I, too, was once an invisible woman – a Muslim living in Saudi Arabia who was objectified by men and women alike, reduced only to the correctness (or not) of my attire. Like the Saudis, ISIS enshrines gender apartheid – but in their enthusiasm, jihadist women appear oblivious to that.
Experts at Kings College International Center for Radicalization in Britain have been monitoring the online activities of the 21 women among the 500 Britons thought to be in Syria with ISIS, which has fighters from over 81 nations. The women’s social media activity reveals that they often go on to attract other women to ISIS, and support ISIS’ recognition that in order to perpetuate itself, it must procreate.
Women are drawn to ISIS for a number of reasons. First, they are responding to ISIS’ leader, Baghdadi, who has called upon them to help build the new Islamic State. Abu Bakr al-Baghdadi's “caliphate” needs women to assume the traditional roles of marriage and childbearing. Others respond to ISIS’ call for skilled workers – doctors, nurses and engineers.
But among these women are others who seek combat, and are joining to wage war. Many of the British Muslim women joining ISIS aren’t particularly religious – think of them as ISIS “groupies.” But by engaging them to be foot soldiers, ISIS shrewdly reaches audiences that Al Qaeda could not (though women did provide support to Al Qaeda and posed themselves as serious risks).
The British female jihadists are invariably young, including Zara and Salma Halane, 16-year-old twins from Manchester; Aqsa Mahmoud, a 20-year-old from Glasgow; and Khadija Dare, a 22-year-old from London who reportedly aspires to be the first ISIS female to behead an “infidel.”

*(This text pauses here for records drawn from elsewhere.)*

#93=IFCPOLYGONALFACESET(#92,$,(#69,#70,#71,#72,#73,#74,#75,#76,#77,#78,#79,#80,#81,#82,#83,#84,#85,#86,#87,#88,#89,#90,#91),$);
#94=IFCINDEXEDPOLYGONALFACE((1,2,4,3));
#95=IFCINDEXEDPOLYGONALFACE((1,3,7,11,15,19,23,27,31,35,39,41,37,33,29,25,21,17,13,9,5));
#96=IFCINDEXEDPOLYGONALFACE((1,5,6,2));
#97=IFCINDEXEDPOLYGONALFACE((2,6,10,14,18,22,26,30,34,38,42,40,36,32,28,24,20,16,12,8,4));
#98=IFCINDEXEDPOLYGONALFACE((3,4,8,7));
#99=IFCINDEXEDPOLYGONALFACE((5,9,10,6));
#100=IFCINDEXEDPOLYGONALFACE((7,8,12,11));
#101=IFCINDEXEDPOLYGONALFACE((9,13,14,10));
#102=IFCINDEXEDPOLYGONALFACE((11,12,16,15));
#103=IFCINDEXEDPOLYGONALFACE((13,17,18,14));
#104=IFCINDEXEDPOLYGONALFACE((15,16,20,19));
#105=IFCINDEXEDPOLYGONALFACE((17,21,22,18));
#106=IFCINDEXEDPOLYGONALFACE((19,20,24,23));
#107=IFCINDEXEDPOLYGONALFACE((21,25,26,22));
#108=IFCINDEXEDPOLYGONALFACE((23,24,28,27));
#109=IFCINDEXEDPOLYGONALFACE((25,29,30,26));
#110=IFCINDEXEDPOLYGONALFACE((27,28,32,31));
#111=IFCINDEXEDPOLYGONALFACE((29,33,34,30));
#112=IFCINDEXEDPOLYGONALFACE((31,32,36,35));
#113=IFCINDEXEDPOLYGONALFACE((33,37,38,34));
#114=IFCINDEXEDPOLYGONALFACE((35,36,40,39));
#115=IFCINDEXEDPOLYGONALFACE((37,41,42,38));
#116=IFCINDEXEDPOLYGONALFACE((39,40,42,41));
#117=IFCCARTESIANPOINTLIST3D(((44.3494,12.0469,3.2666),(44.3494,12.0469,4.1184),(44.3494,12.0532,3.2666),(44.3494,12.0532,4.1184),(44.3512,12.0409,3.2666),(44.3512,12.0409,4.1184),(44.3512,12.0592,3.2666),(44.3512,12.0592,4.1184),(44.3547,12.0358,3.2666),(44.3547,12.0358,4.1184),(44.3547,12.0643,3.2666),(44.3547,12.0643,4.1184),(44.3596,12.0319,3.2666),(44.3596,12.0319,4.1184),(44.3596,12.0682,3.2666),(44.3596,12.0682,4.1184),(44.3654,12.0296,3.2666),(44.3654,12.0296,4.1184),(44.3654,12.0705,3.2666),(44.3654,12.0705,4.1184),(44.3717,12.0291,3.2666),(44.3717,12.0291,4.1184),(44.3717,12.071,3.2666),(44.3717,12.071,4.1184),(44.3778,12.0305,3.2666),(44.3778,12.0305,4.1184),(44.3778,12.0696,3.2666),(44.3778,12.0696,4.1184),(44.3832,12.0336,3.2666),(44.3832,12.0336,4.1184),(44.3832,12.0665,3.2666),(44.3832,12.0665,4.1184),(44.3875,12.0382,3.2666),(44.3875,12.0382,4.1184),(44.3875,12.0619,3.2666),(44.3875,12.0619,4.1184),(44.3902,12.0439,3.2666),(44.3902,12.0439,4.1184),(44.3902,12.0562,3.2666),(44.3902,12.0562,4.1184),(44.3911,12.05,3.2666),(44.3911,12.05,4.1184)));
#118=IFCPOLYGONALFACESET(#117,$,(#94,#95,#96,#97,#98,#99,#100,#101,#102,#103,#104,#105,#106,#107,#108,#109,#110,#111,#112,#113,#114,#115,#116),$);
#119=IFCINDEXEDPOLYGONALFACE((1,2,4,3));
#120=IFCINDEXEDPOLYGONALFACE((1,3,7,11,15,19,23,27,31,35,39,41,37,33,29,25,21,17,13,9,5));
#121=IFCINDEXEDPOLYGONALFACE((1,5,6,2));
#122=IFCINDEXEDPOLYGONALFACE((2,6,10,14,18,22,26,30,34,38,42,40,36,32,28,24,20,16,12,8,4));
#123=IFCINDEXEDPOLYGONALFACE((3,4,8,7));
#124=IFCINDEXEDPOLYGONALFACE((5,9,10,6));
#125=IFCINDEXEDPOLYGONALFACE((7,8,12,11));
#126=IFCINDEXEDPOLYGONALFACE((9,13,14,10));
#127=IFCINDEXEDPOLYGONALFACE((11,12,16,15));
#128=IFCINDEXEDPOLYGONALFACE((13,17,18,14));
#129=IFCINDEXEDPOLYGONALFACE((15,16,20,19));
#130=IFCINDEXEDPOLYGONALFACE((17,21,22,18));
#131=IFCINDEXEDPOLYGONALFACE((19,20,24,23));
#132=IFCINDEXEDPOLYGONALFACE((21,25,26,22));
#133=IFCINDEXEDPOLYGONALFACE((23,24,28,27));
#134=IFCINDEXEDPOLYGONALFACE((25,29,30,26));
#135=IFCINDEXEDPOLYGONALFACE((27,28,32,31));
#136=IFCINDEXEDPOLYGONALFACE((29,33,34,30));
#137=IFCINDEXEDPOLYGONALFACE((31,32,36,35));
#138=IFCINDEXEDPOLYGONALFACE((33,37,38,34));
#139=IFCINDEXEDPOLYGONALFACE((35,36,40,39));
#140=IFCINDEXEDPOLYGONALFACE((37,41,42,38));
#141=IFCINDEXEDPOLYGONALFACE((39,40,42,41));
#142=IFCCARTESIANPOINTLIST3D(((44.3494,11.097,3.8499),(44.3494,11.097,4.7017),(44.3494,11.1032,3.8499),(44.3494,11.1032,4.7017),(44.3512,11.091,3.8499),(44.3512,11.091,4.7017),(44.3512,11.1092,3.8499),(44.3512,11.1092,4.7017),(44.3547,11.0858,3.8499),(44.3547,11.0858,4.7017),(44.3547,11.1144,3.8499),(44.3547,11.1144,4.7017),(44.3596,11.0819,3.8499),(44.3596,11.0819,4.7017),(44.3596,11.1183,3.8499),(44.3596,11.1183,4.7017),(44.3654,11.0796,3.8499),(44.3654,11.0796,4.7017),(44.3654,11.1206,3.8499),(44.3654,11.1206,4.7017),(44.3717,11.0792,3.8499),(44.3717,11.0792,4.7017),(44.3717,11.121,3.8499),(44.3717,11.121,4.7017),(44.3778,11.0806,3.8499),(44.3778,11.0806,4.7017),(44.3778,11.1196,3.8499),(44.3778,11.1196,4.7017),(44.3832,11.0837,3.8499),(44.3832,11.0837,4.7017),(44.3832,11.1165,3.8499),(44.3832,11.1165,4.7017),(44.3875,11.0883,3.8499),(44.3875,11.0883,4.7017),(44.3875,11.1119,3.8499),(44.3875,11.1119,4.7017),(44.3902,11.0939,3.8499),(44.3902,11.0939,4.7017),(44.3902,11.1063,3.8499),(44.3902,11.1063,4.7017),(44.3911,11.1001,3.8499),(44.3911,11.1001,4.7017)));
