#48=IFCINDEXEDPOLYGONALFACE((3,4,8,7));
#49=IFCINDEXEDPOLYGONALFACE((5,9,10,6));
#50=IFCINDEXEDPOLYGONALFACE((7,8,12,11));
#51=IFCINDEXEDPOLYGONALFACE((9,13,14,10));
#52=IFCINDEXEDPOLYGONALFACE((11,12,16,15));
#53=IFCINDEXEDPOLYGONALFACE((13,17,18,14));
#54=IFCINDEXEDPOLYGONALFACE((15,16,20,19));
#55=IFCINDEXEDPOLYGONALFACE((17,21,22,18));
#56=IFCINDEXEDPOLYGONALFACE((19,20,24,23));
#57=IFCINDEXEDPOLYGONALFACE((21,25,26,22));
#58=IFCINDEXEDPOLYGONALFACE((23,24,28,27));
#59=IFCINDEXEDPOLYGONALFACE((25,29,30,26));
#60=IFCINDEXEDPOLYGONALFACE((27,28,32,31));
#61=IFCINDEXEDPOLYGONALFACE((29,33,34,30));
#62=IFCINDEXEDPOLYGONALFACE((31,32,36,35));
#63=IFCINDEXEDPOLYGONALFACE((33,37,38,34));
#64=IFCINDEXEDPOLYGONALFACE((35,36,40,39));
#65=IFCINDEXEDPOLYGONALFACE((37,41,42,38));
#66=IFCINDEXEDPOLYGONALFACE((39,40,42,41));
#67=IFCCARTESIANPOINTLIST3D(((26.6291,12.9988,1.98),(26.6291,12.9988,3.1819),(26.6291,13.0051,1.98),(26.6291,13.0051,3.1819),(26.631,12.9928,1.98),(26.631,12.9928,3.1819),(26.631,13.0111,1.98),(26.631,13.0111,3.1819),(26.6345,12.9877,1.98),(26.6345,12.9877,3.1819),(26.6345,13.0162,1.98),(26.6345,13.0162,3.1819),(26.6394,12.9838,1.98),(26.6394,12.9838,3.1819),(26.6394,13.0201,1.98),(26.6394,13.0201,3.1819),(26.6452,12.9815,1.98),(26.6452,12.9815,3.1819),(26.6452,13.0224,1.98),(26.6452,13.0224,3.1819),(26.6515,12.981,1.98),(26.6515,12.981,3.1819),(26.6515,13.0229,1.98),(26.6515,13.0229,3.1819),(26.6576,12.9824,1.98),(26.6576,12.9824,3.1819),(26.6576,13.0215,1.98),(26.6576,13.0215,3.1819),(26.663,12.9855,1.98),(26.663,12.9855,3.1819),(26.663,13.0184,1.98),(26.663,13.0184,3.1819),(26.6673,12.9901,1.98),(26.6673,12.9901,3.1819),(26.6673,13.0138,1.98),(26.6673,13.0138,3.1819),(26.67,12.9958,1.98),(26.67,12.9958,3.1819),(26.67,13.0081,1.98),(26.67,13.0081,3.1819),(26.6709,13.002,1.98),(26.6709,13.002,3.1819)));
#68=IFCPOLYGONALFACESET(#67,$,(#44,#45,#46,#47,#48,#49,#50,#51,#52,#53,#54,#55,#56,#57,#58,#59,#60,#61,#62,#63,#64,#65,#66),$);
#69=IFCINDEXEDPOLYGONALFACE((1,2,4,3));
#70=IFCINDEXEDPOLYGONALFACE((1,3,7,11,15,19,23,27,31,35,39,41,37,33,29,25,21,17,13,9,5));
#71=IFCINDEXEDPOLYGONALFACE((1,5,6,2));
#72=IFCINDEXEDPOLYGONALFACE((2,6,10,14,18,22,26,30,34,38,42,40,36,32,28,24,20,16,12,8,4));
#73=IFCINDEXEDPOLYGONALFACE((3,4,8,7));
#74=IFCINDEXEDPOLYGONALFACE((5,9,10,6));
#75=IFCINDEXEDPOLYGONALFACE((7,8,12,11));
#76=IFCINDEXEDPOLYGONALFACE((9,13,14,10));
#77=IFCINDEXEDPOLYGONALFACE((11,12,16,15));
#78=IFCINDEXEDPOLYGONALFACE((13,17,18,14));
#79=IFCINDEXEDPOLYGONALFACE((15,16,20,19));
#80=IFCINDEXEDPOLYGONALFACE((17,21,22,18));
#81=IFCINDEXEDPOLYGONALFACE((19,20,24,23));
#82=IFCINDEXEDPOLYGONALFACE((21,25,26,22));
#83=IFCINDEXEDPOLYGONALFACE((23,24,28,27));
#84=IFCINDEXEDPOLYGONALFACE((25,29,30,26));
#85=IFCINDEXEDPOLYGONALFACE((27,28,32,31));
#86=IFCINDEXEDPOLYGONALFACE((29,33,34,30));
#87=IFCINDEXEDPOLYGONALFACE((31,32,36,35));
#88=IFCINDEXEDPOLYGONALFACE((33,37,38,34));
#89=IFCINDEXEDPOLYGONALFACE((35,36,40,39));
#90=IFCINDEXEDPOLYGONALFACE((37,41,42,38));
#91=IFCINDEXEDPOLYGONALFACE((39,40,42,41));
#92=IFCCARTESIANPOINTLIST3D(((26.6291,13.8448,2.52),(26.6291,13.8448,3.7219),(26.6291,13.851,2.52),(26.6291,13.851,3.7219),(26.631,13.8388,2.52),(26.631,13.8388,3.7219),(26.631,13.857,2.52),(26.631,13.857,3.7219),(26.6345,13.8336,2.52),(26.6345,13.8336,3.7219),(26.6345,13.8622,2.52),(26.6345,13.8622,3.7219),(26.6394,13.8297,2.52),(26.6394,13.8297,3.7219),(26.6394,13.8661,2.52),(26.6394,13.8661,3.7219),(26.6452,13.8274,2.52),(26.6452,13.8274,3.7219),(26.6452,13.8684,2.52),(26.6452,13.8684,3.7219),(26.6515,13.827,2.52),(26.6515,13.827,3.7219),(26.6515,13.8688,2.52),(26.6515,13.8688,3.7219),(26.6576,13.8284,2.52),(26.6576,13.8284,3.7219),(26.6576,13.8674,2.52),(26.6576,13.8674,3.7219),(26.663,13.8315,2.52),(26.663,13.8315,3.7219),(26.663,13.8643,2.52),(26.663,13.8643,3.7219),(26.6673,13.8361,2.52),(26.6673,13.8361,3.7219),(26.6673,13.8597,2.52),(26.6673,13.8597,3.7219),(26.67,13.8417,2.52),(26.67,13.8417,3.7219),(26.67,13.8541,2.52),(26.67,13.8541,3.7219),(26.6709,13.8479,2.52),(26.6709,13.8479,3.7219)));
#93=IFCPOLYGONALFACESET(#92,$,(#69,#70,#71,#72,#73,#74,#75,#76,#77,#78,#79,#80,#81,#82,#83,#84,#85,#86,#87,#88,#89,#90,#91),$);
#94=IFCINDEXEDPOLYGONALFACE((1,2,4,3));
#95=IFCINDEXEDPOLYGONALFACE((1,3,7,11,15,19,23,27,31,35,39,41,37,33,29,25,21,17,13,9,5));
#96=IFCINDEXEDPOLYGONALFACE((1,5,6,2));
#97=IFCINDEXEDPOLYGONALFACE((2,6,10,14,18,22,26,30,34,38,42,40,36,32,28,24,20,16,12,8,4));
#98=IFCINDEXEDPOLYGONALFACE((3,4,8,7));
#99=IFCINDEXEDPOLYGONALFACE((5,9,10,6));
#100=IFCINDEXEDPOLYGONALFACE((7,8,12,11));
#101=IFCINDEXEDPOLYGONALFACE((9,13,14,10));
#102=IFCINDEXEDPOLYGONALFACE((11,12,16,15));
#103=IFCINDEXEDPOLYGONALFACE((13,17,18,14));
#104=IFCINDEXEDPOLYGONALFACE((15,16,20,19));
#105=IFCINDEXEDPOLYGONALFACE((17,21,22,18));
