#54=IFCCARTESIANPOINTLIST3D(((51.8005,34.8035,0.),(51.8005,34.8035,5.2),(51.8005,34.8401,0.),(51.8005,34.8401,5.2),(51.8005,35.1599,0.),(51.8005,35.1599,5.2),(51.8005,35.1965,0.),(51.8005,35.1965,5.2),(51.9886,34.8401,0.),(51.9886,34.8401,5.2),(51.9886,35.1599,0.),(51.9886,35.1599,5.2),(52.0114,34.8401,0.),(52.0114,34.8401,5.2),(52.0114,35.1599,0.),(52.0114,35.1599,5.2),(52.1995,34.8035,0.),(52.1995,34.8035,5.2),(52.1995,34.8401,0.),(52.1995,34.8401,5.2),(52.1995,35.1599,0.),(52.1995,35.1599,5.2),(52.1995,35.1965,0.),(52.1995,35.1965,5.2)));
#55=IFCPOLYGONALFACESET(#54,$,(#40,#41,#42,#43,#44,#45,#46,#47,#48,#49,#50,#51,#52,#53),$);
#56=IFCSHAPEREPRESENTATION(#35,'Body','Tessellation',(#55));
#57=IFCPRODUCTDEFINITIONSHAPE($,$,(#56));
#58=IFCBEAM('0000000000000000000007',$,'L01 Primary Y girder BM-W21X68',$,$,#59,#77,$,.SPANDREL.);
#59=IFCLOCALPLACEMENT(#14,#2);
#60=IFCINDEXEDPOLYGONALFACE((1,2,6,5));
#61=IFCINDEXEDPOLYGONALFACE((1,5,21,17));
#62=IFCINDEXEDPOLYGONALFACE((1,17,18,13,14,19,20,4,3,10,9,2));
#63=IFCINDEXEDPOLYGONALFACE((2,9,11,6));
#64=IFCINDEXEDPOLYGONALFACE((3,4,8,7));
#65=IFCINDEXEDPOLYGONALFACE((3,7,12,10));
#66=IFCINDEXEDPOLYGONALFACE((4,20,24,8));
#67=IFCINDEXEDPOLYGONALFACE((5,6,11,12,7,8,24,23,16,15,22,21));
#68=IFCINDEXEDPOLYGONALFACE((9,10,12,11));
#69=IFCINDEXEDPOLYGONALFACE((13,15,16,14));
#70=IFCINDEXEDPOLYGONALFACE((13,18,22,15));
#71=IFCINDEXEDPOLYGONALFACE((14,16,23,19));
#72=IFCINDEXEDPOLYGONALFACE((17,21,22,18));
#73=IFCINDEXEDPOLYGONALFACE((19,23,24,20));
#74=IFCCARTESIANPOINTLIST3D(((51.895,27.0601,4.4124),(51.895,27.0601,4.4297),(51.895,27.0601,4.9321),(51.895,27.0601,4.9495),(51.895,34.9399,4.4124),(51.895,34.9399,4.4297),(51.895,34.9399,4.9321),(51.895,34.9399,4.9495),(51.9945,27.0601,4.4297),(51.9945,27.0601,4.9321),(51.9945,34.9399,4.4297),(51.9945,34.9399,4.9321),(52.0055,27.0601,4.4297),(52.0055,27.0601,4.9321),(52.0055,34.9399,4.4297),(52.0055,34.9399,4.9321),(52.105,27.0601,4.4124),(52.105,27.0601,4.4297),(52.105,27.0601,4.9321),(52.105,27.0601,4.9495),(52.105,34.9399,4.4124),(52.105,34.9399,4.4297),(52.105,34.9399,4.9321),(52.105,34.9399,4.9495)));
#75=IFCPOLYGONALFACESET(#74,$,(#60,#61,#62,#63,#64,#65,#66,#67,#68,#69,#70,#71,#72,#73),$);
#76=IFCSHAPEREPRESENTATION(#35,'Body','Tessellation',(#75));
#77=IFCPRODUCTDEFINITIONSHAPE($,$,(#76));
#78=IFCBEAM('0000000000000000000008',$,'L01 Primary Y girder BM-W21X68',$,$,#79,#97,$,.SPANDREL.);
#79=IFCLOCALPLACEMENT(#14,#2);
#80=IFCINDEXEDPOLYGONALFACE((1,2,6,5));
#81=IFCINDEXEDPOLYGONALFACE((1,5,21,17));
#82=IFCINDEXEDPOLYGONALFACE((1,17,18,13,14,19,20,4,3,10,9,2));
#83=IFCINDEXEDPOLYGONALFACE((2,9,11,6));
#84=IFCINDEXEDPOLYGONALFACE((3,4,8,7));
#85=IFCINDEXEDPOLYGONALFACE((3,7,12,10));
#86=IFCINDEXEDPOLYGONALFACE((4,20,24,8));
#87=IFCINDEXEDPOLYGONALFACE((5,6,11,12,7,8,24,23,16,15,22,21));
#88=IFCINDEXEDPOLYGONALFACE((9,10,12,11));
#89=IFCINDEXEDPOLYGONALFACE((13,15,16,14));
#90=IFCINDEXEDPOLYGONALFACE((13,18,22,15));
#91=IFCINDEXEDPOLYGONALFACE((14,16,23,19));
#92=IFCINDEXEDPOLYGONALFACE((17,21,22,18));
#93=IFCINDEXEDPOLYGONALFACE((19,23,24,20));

In the United States, the recent case of 19-year-old Sharon Conley of Colorado is a chilling example of an American female newly converted to Islam and seeking jihad, imagining she will engage in combat, work as a nurse and marry a fighter. Even under FBI interrogation, she remained committed to waging jihad.
Female Islamists, even violent jihadists, have long been prominent. In 2010, Afia Siddiqui, a neuroscientist from Pakistan, was found guilty in New York City of attempted murder of U.S. personnel investigating her material support to Al Qaeda. She is now serving an 86-year sentence in federal prison.
Siddiqui’s descent into radicalization and her equally disturbing rise to national adulation in Pakistan, where she remains lionized as a “Daughter of the Nation,” was brilliantly detailed by Deborah Scroggins in her book, “Wanted Women.” Scroggins revealed Siddiqui’s dual dimensions: her fanatical commitment to jihadist ideology and the way she used the advantages she enjoyed in the West to radicalize others. ISIS, recognizing her stature, even offered to give up its captives, including the late James Foley, in return for her release in an attempt to broaden its global outreach.
In our correspondence, Scroggins reminded me her scholarship of Siddiqui underlined how “women have always been swept up by the romance of jihad just like men.”
At their most extreme, female jihadists become suicide bombers. Developed by the female Tamil Tigers, suicide bombing was imported by Hezbollah and became the hallmark of the Second Intifada against Israel. Radical clerics issued fatwahs legitimizing women as suicide bombers.
Dr. Anat Berko, a counterterrorism expert with the Israeli Defense Force, named them “The Smarter Bomb,” based on her 14-year studies of captured female Palestinian jihadists. Berko found their motives were as numerous as their identities. Some, sexually compromised in ways that they thought sullied their honor, believed martyrdom would absolve them of sin. Others were militant operatives, as politically motivated as their male counterparts. The point is, each one saw herself as an active jihadist.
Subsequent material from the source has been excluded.